Next came an ancient M-113 armored personnel carrier with a Russian colonel standing upright in the open cargo hatch. With his field cap pulled down low over his eyes, Colonel Vorishnov looked neither left nor right until his vehicle came abreast of the corps chief of staff. He too saluted and then looked back to the front, his gaze, unblinking like Sergeant Wolf's, fixed straight ahead at nothing in particular.

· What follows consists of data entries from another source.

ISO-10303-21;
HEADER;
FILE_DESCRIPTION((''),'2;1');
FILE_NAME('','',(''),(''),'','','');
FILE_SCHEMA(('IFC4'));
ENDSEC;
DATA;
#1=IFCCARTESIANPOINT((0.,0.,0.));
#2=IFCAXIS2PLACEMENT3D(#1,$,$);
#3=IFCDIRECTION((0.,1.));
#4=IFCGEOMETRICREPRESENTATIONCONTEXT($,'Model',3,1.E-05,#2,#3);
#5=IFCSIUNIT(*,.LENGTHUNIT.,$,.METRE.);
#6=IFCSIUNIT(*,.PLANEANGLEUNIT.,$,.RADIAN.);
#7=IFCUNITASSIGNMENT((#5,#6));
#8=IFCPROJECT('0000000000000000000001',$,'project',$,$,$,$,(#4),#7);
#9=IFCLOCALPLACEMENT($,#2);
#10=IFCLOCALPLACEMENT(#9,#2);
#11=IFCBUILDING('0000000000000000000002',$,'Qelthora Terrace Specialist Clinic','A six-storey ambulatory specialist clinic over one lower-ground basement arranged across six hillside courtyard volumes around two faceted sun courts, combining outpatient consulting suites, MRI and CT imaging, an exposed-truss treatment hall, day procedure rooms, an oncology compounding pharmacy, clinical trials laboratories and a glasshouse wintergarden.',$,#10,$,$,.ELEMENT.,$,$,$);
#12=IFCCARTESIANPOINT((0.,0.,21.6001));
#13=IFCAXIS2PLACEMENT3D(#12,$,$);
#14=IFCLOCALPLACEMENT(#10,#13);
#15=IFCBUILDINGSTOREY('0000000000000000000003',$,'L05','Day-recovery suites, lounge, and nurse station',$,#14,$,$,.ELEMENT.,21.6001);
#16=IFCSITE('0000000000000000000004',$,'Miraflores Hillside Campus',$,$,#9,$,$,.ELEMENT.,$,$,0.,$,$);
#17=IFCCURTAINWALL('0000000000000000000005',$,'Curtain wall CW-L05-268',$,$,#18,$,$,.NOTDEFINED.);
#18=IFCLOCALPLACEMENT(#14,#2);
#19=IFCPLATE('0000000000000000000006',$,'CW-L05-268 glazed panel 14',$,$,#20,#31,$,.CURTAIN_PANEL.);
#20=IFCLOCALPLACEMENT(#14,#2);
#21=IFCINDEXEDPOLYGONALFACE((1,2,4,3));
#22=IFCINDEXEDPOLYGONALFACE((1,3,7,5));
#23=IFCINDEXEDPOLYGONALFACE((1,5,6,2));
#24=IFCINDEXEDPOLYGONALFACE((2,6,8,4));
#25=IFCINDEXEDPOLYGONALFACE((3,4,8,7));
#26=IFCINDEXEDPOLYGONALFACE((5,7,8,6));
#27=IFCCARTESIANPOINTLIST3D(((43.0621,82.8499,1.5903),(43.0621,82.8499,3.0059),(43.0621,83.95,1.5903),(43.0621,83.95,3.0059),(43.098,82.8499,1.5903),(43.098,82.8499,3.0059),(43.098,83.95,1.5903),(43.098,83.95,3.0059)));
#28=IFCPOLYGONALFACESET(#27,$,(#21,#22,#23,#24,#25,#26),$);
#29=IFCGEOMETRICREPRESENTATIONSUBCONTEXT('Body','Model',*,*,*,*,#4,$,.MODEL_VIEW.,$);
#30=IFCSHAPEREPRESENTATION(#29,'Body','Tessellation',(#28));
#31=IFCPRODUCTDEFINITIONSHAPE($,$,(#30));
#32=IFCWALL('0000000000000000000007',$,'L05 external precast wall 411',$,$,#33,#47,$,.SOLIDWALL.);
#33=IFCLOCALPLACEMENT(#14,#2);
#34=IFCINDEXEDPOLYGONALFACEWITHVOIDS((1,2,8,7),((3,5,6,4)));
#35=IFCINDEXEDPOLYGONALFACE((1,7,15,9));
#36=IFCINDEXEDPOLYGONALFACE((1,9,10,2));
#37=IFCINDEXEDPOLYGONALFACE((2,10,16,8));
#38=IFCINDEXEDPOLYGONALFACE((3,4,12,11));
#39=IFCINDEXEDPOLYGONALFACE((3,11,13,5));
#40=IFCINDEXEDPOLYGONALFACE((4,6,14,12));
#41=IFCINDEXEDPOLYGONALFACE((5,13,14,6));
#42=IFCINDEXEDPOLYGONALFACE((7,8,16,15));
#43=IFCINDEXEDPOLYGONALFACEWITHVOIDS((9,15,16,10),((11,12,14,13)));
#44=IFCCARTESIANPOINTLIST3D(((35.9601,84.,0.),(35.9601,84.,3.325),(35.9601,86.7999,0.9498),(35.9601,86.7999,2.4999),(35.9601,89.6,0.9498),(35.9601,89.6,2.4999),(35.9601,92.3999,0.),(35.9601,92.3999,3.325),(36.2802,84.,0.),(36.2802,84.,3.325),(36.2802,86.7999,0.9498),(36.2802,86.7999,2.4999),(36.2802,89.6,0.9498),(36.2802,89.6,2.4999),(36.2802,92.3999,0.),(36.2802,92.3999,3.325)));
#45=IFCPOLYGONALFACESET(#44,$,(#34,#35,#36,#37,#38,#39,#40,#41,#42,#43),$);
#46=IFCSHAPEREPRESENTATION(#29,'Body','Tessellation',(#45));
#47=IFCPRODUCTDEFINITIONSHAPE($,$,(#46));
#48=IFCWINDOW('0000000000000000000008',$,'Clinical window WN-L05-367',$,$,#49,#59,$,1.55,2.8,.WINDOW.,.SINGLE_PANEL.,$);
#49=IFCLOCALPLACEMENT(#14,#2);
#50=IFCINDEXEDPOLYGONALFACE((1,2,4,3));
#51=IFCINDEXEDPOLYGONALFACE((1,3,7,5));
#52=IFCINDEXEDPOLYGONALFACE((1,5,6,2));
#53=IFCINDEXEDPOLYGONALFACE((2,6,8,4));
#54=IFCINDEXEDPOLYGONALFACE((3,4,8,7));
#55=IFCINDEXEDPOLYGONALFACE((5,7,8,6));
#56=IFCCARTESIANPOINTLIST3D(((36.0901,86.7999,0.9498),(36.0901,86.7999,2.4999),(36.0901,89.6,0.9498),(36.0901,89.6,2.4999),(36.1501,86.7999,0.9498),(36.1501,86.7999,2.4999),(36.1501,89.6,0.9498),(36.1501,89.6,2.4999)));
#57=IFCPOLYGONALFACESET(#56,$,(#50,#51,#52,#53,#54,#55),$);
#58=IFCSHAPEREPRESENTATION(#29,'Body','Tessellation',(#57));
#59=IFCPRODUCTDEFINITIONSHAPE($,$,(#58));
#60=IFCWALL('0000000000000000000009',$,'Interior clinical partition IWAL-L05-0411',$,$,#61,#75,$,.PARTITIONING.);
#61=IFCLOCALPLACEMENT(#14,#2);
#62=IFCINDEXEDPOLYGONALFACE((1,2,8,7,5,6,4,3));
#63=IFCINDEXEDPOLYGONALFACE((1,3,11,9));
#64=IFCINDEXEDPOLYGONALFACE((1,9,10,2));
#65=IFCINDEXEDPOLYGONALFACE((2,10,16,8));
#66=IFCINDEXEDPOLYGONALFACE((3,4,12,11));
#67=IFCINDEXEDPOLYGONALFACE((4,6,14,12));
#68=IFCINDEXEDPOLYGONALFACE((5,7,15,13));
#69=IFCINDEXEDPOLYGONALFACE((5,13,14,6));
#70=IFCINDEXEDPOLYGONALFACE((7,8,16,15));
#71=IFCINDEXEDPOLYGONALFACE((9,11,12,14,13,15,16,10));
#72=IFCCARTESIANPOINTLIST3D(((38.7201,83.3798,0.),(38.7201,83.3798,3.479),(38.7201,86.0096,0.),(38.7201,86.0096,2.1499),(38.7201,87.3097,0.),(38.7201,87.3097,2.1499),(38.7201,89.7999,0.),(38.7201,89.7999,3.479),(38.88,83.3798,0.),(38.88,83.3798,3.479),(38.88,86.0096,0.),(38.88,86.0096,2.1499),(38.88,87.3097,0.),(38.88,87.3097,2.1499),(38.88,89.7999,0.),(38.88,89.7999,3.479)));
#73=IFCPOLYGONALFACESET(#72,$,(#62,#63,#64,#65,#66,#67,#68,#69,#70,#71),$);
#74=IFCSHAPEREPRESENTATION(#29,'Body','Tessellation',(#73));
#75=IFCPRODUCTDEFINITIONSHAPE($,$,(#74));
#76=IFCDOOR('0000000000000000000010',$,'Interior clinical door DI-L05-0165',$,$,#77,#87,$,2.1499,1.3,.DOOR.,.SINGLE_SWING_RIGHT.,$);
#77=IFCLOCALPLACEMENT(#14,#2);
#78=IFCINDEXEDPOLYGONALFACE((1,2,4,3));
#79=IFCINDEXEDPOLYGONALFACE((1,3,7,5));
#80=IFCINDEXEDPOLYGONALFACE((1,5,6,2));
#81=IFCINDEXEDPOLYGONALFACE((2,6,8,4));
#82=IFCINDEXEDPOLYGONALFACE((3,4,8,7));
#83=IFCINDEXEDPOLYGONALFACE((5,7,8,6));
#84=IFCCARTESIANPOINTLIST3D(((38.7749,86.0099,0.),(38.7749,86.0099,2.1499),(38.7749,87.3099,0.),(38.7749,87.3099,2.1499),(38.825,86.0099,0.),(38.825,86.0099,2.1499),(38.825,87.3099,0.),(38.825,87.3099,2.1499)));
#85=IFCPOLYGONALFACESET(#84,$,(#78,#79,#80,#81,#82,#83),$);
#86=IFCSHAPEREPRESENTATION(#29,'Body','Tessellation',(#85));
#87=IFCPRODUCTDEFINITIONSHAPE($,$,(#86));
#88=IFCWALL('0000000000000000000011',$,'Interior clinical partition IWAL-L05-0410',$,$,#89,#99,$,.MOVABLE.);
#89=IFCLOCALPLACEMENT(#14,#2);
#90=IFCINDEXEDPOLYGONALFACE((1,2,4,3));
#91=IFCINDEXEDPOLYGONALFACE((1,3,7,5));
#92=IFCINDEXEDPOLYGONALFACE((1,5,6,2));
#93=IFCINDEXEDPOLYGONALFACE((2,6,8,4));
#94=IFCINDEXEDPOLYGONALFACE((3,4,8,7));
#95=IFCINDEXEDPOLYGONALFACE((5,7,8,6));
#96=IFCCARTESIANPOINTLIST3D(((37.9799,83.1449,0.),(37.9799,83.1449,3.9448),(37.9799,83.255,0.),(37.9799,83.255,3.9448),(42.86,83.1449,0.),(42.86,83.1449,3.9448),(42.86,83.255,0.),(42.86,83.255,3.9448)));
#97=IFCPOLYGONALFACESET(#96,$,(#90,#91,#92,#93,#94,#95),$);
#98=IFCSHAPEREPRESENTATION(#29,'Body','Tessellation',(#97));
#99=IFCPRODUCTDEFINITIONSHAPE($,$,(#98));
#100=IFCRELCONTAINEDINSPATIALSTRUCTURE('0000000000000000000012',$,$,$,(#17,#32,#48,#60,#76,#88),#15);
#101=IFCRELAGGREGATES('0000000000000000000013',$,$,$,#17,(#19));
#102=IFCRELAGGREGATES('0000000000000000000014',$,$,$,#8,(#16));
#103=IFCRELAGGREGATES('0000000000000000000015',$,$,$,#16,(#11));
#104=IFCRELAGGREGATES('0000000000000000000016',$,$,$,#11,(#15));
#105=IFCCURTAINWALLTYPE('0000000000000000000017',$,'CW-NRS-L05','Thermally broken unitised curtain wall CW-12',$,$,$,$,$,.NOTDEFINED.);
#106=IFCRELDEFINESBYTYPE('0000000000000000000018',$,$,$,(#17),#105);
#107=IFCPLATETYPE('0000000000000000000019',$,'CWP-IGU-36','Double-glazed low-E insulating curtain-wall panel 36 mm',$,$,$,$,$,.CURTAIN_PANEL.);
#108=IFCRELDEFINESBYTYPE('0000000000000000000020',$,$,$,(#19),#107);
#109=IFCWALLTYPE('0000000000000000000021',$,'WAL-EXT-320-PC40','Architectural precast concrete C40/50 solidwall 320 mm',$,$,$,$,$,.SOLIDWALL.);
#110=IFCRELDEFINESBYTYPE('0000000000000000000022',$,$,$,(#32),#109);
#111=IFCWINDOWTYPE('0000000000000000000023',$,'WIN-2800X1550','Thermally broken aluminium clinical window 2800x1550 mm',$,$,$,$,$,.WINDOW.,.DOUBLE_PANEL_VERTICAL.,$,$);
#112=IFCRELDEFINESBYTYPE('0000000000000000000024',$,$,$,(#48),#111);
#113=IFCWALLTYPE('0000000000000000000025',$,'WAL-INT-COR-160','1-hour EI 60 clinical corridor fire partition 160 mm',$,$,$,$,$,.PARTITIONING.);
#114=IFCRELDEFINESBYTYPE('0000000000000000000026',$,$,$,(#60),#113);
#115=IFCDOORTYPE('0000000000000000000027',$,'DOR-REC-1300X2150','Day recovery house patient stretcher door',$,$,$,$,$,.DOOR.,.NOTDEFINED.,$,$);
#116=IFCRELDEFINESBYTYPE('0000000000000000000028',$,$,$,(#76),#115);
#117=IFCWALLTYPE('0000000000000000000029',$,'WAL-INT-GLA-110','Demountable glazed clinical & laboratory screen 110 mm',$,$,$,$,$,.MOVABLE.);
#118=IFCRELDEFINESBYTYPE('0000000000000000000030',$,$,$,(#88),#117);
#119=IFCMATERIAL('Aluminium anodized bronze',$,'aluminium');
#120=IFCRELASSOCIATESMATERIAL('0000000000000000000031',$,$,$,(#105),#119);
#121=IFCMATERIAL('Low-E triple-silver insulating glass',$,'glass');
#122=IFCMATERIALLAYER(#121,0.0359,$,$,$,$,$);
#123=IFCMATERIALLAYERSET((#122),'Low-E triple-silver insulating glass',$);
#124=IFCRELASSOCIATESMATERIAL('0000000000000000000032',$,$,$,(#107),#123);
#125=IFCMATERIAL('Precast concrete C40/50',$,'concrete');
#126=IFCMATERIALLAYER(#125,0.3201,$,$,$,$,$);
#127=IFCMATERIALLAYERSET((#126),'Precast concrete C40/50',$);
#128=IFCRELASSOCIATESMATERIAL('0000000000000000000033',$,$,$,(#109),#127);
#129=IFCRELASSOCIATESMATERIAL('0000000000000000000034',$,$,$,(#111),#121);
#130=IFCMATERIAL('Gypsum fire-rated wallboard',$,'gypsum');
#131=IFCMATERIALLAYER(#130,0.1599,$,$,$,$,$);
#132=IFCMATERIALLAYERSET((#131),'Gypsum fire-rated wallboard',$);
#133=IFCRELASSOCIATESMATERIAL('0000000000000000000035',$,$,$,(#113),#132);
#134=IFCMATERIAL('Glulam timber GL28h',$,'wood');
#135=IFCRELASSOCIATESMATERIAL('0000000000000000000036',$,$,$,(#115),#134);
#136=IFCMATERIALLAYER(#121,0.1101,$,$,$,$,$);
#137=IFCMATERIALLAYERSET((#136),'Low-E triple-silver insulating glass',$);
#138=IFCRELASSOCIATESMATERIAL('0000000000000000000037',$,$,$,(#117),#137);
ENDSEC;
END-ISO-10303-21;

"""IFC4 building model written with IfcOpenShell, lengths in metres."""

from ifc_helpers import new_model, si_unit, direction, frame, frame_2d, origin, origin_2d, place, context, subcontext, project, spatial, rectangle, extrude, material, layer, layer_set, type_object, element, fill, aggregate, save


model = new_model("IFC4")

# Units and contexts
model_context = context("Model", 3, precision=1e-05, world=origin(), true_north=direction((0.0, 1.0)))
body_context = subcontext(model_context, "Body", "Model", "MODEL_VIEW")
ifc_project = project(units=[si_unit("LENGTHUNIT", "METRE"), si_unit("PLANEANGLEUNIT", "RADIAN")], contexts=[model_context])

# Site, building, storey
site_placement = place(None, origin())
site = spatial("IfcSite", under=ifc_project, at=site_placement, Name="Miraflores Hillside Campus", CompositionType="ELEMENT", RefElevation=0.0)
building_placement = place(site_placement, origin())
building = spatial("IfcBuilding", under=site, at=building_placement, Name="Qelthora Terrace Specialist Clinic", Description="A six-storey ambulatory specialist clinic over one lower-ground basement arranged across six hillside courtyard volumes around two faceted sun courts, combining outpatient consulting suites, MRI and CT imaging, an exposed-truss treatment hall, day procedure rooms, an oncology compounding pharmacy, clinical trials laboratories and a glasshouse wintergarden.", CompositionType="ELEMENT")
storey_placement = place(building_placement, frame((0.0, 0.0, 21.6001)))
storey = spatial("IfcBuildingStorey", under=building, at=storey_placement, Name="L05", Description="Day-recovery suites, lounge, and nurse station", CompositionType="ELEMENT", Elevation=21.6001)

# Curtain wall
ifc_material_1 = material(Name="Aluminium anodized bronze", Category="aluminium")
curtain_wall_type = type_object("IfcCurtainWallType", Name="CW-NRS-L05", Description="Thermally broken unitised curtain wall CW-12", PredefinedType="NOTDEFINED", material=ifc_material_1)
curtain_wall_1_placement = place(storey_placement, origin())
curtain_wall_1 = element("IfcCurtainWall", 1, at=curtain_wall_1_placement, inside=storey, type_object=curtain_wall_type, Name="Curtain wall CW-L05-268", PredefinedType="NOTDEFINED")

Finally came the tank. As it came up even with the corps chief of staff, the chief seemed to stiffen his already rigid position of attention just as every officer and NCO gathered about him did. There was no loader in the hatch of this tank. Only Colonel Scott Dixon, commander of the 1st Brigade, 4th Armored Division. Dixon stood in the commander's hatch of the tank, exposed from his hips up. Holding on to the open hatch with his left hand and the machine gun with his right, Dixon never altered his expressionless stare from a fixed point on the distant horizon to the north. He did not salute the corps chief, for the salute that the corps chief and his staff were waiting for from this vehicle could not be returned. For Lieutenant General Alvin Malin, whose body lay wrapped in a poncho and strapped over the loader's hatch next to Scott Dixon, had been killed in action on the morning of the 25th, just as his greatest military feat was coming to an end.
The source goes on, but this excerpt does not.